Por Berstin Technical Desk · Sourcing & Technical Specialists
· 5 min de leitura
“Ácido cítrico” designa uma única molécula, mas chega ao seu cais como vários produtos diferentes. A escolha entre eles raramente tem a ver com qual é “mais puro” — tem a ver com qual a forma, o grau e a norma que a sua aplicação e os seus auditores exigem. Tratar todo o ácido cítrico como intercambiável leva a pagar a mais por documentação farmacêutica que não precisa, ou a sub-especificar e reprovar numa inspeção de receção.
Quais são os graus do ácido cítrico?
O ácido cítrico é fornecido em duas formas físicas — anidro e monohidratado — e em graus alimentar, farmacêutico e técnico que diferem principalmente em documentação e limites de impurezas, e não na molécula em si.
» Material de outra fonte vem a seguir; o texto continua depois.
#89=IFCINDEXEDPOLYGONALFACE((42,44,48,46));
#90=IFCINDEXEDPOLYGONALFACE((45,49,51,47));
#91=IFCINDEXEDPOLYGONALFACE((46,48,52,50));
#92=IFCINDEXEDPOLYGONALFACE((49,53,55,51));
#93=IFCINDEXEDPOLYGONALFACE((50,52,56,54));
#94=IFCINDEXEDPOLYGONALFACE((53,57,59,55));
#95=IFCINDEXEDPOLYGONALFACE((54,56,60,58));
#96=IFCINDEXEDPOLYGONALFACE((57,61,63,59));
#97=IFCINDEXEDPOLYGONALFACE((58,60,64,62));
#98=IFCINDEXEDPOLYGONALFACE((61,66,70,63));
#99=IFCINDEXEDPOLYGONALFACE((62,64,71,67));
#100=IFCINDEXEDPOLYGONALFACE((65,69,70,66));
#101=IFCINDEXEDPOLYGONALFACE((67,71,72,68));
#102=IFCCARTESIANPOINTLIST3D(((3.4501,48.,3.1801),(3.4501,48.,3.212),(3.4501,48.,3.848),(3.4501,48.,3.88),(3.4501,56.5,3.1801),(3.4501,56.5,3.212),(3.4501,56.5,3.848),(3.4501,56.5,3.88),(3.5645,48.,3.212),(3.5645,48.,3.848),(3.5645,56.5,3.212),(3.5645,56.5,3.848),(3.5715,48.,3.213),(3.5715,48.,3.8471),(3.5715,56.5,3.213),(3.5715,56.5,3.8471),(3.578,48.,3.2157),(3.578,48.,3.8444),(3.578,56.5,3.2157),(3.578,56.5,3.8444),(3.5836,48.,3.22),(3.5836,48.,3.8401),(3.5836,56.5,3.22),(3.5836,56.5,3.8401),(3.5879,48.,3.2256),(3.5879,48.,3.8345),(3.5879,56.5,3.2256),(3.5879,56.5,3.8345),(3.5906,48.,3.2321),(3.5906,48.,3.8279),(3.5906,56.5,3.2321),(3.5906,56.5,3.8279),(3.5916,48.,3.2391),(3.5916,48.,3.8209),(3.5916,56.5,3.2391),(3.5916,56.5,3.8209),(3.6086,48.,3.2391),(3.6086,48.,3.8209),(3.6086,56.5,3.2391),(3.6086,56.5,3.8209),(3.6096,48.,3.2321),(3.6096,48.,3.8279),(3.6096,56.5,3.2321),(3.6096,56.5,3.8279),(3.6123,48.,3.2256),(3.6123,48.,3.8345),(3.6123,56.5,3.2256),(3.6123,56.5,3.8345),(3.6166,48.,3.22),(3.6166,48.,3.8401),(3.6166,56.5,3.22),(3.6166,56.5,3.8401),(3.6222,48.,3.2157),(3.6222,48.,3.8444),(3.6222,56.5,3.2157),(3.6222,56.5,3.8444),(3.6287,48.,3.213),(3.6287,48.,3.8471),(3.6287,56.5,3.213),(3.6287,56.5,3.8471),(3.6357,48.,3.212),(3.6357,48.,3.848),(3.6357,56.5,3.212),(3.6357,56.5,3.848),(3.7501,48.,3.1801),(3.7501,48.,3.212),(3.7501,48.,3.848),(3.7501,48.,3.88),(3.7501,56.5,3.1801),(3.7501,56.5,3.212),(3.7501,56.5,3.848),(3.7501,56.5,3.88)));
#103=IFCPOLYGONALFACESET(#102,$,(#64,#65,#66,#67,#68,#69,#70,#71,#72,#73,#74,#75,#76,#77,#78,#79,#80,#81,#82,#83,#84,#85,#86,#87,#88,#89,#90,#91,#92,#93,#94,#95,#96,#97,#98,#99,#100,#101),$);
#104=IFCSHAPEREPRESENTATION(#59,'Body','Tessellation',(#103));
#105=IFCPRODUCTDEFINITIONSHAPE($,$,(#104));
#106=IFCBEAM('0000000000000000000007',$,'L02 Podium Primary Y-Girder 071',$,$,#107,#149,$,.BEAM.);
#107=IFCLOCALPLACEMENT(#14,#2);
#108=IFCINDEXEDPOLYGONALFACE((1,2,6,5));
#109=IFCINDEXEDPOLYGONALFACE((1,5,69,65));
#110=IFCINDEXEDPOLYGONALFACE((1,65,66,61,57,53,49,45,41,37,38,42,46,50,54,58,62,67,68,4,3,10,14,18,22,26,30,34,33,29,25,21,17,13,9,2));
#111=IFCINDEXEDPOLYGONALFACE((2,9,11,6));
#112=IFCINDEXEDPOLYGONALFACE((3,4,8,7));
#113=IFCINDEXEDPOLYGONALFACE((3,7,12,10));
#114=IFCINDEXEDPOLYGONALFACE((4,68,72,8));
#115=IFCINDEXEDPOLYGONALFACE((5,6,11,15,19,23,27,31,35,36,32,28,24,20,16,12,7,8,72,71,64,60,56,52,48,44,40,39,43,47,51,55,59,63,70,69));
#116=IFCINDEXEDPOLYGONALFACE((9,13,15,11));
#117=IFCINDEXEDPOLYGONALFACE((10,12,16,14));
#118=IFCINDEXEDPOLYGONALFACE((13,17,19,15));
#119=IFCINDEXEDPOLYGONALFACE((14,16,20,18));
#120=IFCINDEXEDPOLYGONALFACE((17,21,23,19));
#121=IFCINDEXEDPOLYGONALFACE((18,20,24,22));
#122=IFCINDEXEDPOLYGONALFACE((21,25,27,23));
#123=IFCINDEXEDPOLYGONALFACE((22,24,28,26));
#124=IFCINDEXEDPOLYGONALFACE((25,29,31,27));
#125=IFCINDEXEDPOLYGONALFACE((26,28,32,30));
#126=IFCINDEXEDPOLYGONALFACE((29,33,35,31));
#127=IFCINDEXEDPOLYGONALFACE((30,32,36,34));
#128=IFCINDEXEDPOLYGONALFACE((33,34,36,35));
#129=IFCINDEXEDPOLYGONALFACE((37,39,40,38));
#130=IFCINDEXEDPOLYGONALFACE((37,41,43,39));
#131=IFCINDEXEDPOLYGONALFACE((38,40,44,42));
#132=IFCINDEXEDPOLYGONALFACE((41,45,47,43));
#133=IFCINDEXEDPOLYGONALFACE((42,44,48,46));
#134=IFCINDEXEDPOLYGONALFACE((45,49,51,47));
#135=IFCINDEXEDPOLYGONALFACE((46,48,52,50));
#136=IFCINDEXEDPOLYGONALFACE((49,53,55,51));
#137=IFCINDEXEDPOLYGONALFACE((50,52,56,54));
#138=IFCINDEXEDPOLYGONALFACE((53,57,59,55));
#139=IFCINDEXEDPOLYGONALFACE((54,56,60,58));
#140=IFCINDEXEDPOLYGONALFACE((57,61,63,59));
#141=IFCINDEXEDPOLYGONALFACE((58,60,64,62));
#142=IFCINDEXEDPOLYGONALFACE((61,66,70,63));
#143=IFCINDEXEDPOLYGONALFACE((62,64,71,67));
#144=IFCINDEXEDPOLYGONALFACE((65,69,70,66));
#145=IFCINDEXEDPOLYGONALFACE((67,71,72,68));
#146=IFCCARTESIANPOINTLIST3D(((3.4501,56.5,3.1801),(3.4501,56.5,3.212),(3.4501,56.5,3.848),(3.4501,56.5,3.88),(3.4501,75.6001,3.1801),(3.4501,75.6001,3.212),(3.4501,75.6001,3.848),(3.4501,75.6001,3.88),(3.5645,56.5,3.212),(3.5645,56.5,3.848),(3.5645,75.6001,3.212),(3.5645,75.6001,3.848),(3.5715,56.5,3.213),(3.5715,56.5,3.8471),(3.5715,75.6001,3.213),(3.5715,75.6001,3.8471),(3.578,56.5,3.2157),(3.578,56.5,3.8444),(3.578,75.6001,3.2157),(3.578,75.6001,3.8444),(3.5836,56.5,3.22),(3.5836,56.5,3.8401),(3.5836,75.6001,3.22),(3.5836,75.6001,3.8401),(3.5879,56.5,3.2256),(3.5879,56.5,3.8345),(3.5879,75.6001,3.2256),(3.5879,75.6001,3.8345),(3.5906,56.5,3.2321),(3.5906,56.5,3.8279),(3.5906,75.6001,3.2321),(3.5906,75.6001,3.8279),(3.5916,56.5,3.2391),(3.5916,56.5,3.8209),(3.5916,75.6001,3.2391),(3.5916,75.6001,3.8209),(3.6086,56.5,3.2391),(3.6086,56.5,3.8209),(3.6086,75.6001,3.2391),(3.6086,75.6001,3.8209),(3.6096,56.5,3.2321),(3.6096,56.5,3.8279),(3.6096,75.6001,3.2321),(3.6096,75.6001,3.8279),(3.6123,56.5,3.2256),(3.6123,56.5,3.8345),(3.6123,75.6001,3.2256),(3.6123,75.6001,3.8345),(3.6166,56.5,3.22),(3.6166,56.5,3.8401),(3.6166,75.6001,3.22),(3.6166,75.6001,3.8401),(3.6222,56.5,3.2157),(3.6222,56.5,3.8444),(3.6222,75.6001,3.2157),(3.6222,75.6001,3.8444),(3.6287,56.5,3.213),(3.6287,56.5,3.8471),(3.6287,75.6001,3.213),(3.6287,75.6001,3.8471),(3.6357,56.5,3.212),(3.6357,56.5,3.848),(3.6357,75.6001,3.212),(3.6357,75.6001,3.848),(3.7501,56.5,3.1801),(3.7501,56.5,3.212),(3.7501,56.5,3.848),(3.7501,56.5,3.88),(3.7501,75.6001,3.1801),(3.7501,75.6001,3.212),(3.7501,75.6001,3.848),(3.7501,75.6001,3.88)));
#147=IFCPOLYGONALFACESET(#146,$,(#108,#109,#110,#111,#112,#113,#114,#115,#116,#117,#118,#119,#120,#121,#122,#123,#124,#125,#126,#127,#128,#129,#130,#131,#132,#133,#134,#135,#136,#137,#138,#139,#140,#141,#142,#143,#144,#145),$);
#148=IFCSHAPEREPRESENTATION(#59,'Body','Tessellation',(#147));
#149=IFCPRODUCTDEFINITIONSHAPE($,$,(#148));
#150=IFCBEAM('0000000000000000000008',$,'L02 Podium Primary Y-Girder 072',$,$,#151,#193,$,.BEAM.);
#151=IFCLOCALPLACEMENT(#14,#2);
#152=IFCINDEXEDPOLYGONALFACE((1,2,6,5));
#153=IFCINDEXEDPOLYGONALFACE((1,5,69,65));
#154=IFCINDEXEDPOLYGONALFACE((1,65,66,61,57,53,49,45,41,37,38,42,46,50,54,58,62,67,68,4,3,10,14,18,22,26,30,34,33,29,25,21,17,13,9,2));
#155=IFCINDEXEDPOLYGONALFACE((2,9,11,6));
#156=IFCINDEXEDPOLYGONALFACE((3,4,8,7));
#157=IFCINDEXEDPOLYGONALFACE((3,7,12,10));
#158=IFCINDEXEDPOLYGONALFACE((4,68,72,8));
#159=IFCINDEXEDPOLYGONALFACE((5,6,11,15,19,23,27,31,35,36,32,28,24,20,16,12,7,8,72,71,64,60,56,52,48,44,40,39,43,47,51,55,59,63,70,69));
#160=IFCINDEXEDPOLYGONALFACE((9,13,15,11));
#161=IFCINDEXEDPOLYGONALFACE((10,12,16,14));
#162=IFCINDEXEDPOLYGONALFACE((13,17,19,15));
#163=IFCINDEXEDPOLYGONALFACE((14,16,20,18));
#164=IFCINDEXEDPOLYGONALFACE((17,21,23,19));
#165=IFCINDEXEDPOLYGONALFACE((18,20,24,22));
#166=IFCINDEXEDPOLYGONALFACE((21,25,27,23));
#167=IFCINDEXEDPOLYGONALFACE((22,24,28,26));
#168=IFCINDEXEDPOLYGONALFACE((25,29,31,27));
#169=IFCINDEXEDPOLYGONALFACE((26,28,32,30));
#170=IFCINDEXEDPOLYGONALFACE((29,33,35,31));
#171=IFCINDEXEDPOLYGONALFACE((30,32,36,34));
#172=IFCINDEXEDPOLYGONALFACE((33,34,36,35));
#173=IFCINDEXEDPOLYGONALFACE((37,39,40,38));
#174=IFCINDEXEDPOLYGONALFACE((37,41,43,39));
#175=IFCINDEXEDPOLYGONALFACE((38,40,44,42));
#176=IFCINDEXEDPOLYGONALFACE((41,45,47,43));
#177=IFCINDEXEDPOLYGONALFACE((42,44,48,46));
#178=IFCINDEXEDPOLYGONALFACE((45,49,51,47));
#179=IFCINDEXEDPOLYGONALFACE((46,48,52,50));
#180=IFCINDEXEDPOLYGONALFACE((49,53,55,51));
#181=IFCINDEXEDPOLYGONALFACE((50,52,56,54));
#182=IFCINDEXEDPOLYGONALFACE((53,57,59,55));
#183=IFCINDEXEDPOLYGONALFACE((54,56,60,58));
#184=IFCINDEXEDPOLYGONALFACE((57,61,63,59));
O grau que especifica deve ser determinado pela sua aplicação e necessidades de conformidade, e não pela pureza isolada. Na prática, a decisão tem três camadas: escolha a forma, escolha o grau e confirme depois a norma e qualquer requisito halal/kosher face à documentação atual.
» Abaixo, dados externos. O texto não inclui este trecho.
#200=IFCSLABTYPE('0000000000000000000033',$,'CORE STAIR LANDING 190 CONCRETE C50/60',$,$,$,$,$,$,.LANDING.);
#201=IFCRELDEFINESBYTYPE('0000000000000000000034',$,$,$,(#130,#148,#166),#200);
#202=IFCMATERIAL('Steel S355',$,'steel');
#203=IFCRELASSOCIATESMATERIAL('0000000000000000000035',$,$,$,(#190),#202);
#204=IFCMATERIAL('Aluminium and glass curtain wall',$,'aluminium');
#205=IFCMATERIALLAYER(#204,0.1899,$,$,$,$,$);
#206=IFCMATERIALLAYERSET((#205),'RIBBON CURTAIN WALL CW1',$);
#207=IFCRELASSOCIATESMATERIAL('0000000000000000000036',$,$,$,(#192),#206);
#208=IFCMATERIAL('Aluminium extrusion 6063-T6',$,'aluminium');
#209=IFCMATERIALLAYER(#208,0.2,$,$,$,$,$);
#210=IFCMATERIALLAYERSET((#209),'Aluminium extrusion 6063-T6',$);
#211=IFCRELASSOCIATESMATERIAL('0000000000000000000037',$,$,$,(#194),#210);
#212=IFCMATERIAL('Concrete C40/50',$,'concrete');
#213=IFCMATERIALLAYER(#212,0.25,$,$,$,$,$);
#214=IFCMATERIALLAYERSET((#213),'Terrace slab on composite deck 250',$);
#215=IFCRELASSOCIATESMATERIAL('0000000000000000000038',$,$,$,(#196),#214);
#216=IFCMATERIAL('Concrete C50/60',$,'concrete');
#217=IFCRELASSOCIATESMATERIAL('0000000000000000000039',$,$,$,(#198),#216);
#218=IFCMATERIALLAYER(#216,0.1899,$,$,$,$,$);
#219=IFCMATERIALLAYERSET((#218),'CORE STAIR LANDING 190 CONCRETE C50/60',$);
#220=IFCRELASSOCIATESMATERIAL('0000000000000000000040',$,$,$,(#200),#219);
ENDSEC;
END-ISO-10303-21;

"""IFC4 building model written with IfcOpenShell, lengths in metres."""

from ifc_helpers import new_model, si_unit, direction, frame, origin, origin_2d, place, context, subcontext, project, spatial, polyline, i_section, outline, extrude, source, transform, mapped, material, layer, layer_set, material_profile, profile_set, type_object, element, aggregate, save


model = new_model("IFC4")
Os três níveis de grau correspondem claramente às utilizações finais:
- Grau alimentar — fabricado e documentado de acordo com uma compilação alimentar como o Food Chemicals Codex (FCC). Na UE, este é o aditivo alimentar E330, declarado em rótulos pelo nome ou número E ao abrigo do Regulamento (CE) n.º 1333/2008.
- Grau farmacêutico — fornecido de acordo com uma monografia farmacopeica (BP, USP ou EP), que acrescenta os ensaios analíticos e a rastreabilidade que a fabricação regulada de medicamentos exige.
- Grau técnico — o mesmo ácido com controlos de impurezas menos rigorosos, usado para limpeza, descalcificação e quelação industrial.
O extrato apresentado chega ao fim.